Wasserstadt: Einbezie­hung der Öffentlichkeit

Im Zuge der fortschreitenden Planungen der Wasserstadt Limmer erarbeitet die Stadt zurzeit ein Konzept zur frühzeitigen Einbeziehung der Öffentlichkeit.

Die übrig gebliebenen Fertigungsgebäude und der Wasserturm der Continental AG auf dem ehemaligen Werksgelände der künftigen Wasserstadt Limmer © LHH

Auch der Erhalt des als Industriedenkmal geltenden alten Gebäudekomplexes der Continental AG wird im Rahmen der Bauplanung geprüft

Damit können sich Bürgerinnen und Bürger künftig vor Ort über die Pläne informieren und an der Entwicklung des neuen Stadtquartiers beteiligen.

Planung mit Einbeziehung der Öffentlichkeit

Grundbestandteil dieses Konzeptes zur weiteren Einbeziehung der Öffentlichkeit werden drei Maßnahmen sein:

  • Informationsveranstaltungen: Im Rahmen des Bebauungsplanverfahrens soll jeweils im Juni und Juli dieses Jahres eine Informations- und Diskussionsveranstaltung mit dem Oberbürgermeister und dem Stadtbaurat stattfinden. Hierbei sollen Gutachten zum Verkehr, Lärm, Einzelhandel, Verschattung und energetischen Konzept, aber auch konzeptionelle Überlegungen zum öffentlichen Personennahverkehr präsentiert und zur Diskussion gestellt werden. Zudem soll bei den Veranstaltungen auf das vertiefte städtebauliche Konzept eingegangen werden.
  • Einrichtung einer Anwaltsplanung: Mit Blick auf den fortschreitenden Planungsprozess soll eine Anwaltsplanung eingerichtet werden, um den Menschen vor Ort einerseits bei der Interessenformulierung und -aggregation zu helfen und andererseits fachlichen Rat und organisatorische Unterstützung in Verfahrensangelegenheiten anzubieten.
  • Baustellenkommunikation: Die Wasserstadt Limmer Projektentwicklung GmbH (WLEG) wird die Baustellenkommunikation übernehmen und unmittelbar am Baugebiet Vorkehrungen treffen, sodass Interessierte sich über Details des Bauprojekts informieren und aktiv vor Ort darüber diskutieren können.

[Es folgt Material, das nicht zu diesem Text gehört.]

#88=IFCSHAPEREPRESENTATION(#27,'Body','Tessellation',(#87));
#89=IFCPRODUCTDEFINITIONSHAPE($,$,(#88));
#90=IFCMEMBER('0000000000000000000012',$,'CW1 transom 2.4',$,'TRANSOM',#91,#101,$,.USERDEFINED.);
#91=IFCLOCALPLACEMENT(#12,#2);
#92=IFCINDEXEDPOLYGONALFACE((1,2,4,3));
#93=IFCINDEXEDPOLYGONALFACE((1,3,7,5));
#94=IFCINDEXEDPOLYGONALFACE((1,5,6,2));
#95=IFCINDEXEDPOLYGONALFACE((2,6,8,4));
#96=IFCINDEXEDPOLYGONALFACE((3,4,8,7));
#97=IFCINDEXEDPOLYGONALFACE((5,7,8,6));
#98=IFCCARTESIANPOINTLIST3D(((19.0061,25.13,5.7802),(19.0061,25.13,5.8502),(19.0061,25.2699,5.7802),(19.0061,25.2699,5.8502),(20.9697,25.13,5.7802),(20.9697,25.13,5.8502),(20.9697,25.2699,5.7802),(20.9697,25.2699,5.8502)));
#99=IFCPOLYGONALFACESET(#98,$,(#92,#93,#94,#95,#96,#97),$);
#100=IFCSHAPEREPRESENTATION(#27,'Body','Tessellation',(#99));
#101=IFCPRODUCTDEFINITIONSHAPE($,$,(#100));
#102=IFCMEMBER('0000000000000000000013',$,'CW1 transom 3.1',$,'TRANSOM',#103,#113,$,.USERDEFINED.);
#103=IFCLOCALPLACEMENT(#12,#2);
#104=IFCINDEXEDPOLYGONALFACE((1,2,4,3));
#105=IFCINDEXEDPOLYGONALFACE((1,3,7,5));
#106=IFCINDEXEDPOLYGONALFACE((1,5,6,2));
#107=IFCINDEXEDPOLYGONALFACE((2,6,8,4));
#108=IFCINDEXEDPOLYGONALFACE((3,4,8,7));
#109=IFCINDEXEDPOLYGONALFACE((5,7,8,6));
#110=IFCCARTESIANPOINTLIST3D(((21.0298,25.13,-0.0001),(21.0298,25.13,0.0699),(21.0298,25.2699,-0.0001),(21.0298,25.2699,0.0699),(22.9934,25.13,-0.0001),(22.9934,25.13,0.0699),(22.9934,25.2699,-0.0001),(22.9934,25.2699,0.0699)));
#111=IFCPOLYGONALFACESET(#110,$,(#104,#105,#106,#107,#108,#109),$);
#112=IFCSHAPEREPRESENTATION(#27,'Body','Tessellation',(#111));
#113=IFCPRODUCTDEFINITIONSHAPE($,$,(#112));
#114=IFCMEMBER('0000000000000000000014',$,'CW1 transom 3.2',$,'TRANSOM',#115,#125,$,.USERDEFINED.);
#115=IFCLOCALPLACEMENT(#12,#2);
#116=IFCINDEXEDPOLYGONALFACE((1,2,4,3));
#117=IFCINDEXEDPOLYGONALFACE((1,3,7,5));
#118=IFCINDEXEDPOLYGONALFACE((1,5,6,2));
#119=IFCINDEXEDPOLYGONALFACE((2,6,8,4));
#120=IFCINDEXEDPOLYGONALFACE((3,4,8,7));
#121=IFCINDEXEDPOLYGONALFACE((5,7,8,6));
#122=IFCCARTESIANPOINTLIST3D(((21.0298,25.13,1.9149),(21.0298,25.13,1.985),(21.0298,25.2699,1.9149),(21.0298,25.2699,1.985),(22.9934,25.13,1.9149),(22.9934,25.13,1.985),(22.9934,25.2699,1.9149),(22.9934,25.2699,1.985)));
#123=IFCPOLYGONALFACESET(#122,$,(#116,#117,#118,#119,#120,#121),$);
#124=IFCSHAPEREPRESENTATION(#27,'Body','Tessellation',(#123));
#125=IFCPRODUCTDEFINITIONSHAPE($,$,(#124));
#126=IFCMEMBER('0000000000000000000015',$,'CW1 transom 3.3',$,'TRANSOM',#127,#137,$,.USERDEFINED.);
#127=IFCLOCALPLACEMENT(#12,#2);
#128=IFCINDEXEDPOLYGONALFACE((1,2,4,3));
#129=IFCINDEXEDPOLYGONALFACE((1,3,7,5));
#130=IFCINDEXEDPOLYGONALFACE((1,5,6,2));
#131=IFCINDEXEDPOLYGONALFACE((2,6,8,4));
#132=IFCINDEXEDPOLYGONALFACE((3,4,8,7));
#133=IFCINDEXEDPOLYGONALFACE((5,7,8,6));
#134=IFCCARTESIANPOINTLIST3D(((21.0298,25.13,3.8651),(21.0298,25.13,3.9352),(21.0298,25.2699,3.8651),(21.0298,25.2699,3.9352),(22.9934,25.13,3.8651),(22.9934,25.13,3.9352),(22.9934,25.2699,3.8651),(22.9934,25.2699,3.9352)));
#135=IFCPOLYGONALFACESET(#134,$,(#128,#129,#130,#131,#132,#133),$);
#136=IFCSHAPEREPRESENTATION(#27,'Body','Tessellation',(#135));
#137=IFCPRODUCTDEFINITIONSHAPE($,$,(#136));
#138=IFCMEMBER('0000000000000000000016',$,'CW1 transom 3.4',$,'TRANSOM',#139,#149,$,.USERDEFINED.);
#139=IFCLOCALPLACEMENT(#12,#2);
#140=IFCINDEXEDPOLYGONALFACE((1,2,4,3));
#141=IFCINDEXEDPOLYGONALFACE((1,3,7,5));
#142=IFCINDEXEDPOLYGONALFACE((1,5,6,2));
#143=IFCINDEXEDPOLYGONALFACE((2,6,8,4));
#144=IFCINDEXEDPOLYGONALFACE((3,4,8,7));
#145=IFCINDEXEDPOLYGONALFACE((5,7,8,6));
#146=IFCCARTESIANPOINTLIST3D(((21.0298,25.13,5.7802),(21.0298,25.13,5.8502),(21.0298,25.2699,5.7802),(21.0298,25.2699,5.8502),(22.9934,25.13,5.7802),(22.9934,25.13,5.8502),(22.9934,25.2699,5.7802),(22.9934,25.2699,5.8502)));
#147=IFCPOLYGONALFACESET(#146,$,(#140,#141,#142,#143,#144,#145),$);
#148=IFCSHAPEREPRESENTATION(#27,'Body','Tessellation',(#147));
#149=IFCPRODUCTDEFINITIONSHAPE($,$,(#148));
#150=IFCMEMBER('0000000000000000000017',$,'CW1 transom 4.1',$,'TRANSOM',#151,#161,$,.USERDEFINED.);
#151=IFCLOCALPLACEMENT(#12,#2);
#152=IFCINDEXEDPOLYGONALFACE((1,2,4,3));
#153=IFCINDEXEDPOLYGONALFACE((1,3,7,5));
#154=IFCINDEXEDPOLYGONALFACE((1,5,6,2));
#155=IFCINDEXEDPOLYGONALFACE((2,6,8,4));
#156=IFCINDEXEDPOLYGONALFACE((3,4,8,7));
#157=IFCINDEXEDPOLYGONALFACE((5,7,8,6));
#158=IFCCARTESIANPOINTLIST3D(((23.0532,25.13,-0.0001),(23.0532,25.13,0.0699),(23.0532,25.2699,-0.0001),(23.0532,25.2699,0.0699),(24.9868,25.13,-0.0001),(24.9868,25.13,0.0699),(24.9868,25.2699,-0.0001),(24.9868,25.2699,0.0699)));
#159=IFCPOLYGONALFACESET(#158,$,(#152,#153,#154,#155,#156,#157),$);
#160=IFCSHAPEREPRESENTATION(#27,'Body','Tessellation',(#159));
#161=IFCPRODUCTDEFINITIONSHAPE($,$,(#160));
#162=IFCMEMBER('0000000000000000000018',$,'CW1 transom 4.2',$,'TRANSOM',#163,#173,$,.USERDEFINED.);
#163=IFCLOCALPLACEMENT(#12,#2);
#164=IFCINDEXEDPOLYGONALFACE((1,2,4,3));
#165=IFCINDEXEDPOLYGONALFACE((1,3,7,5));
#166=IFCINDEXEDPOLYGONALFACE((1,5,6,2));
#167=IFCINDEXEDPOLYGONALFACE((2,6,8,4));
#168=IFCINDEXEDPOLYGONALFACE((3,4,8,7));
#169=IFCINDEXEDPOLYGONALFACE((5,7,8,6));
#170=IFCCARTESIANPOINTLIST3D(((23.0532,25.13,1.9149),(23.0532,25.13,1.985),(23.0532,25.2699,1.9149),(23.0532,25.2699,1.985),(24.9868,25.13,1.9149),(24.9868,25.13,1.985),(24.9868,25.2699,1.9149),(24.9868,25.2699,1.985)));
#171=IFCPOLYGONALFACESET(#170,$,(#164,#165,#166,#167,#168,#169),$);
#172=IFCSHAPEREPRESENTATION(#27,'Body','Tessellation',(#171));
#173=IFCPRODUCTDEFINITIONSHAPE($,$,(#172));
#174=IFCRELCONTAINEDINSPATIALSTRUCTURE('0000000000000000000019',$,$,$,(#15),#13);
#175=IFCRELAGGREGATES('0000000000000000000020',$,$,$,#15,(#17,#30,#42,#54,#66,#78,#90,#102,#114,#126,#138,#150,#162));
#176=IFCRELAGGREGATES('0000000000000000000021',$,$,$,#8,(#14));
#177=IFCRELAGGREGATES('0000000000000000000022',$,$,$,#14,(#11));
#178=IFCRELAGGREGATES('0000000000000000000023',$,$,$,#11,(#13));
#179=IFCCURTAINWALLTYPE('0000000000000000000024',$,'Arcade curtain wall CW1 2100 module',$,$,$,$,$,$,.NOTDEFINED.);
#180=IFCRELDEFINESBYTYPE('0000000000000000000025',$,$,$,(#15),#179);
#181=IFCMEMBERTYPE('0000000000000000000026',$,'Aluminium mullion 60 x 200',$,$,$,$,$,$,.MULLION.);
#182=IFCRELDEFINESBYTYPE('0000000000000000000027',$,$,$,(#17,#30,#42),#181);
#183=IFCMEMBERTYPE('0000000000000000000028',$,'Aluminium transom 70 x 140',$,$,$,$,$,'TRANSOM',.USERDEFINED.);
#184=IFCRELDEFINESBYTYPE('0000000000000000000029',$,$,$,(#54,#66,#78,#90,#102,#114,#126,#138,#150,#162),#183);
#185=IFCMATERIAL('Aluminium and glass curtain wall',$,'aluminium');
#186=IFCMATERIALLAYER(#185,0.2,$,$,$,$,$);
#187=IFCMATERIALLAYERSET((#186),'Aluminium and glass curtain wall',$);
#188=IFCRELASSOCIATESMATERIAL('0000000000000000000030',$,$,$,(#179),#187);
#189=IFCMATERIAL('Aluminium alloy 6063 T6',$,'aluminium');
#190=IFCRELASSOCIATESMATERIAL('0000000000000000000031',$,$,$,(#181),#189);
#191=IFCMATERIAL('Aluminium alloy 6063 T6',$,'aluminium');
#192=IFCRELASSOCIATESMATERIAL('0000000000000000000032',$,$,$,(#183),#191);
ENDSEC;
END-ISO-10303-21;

Die Einbeziehung der Öffentlichkeit wird aber nicht auf das Bebauungsplanverfahren beschränkt bleiben. Ergänzend soll eine Ideenwerkstatt zu Themen wie alter(n)sgerechte Quartiersentwicklung, Familien und Inklusion durch die Fachbereiche Soziales und Senioren organisiert werden. Zudem sollen die Menschen nach Bezug erster Wohnungen an der Gestaltung von öffentlichen Spielflächen beteiligt werden.

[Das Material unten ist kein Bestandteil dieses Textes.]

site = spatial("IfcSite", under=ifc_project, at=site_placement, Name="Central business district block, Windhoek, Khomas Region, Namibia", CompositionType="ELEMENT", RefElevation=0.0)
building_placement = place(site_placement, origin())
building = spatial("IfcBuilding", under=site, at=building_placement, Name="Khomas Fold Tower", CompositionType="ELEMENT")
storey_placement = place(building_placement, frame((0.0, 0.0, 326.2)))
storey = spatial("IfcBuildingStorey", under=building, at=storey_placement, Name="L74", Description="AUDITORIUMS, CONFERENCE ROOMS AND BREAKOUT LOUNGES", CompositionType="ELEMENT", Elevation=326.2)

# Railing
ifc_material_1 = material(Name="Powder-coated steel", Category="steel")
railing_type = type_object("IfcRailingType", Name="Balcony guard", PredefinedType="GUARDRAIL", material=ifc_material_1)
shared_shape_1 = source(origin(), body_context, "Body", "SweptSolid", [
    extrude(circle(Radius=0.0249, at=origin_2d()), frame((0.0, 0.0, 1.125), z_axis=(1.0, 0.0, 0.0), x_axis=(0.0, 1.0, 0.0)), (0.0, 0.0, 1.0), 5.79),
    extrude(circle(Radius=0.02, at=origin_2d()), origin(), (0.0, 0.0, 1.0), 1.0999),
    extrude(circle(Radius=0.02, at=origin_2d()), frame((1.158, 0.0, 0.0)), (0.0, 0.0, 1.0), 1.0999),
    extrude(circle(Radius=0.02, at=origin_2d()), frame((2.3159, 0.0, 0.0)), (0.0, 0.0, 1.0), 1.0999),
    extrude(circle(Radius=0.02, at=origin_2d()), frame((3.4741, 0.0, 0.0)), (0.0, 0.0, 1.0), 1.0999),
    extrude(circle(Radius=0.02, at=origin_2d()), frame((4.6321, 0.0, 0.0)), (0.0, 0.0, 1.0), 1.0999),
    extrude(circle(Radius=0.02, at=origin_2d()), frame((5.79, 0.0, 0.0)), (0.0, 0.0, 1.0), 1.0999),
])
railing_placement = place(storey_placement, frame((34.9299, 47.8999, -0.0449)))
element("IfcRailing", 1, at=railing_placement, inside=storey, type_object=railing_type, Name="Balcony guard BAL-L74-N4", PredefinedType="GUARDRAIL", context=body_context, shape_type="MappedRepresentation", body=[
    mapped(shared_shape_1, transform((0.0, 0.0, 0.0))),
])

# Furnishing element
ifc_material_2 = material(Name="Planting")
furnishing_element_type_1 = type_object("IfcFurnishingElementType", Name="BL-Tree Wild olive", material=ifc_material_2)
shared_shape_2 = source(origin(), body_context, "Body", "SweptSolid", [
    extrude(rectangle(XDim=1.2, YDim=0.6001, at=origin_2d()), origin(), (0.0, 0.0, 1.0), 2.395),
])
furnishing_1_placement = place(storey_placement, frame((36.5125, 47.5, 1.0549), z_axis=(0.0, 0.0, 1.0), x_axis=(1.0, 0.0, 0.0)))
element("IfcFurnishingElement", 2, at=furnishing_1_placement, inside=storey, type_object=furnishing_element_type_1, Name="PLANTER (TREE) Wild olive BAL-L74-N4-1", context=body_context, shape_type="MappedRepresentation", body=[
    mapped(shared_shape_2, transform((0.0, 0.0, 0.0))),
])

Eine vom Bezirksrat Linden-Limmer in dieser Angelegenheit geforderte Befragung hält die Verwaltung nicht für sinnvoll, denn diese wäre mit einem hohen zeitlichen Aufwand verbunden und würde lediglich unspezifische und damit weniger aussagefähige Ergebnisse erzielen.

Hintergrundinformationen

Die Stadt Hannover hat die Planung für den ersten Bauabschnitt in enger Abstimmung mit der Wasserstadt Limmer GmbH konkretisiert. Diese entspricht der aktuellen Beschlusslage. Wesentliche Bestandteile des Konzeptes bleiben die vier großzügigen Grünflächen zwischen beiden Kanalläufen sowie die bereits im Flächennutzungsplan dargestellte Haupterschließung. Die Bebauungsabstände zum Ufer des Leineverbindungskanals wurden ebenfalls berücksichtigt.

Im ersten Bauabschnitt nördlich der Wunstorfer Straße sind rund 500 Geschosswohnungen und 50 Reihenhäuser geplant. Hochgerechnet auf das gesamte Projekt würden circa 2.000 Wohnungen gebaut (1.800 im Geschosswohnungsbau und 200 Einfamilienhäuser). Die geplante Gebäudehöhe ist zwei- bis viergeschossig. Höhergeschossige Gebäude entlang des Leineverbindungskanals sind aufgrund der attraktiven Lage gegenüber der Leineaue denkbar.

Die WLEG wird in enger Abstimmung mit der Stadt die Voraussetzungen für die weitere Erschließung schaffen und den Verkauf einzelner Baufelder vorbereiten.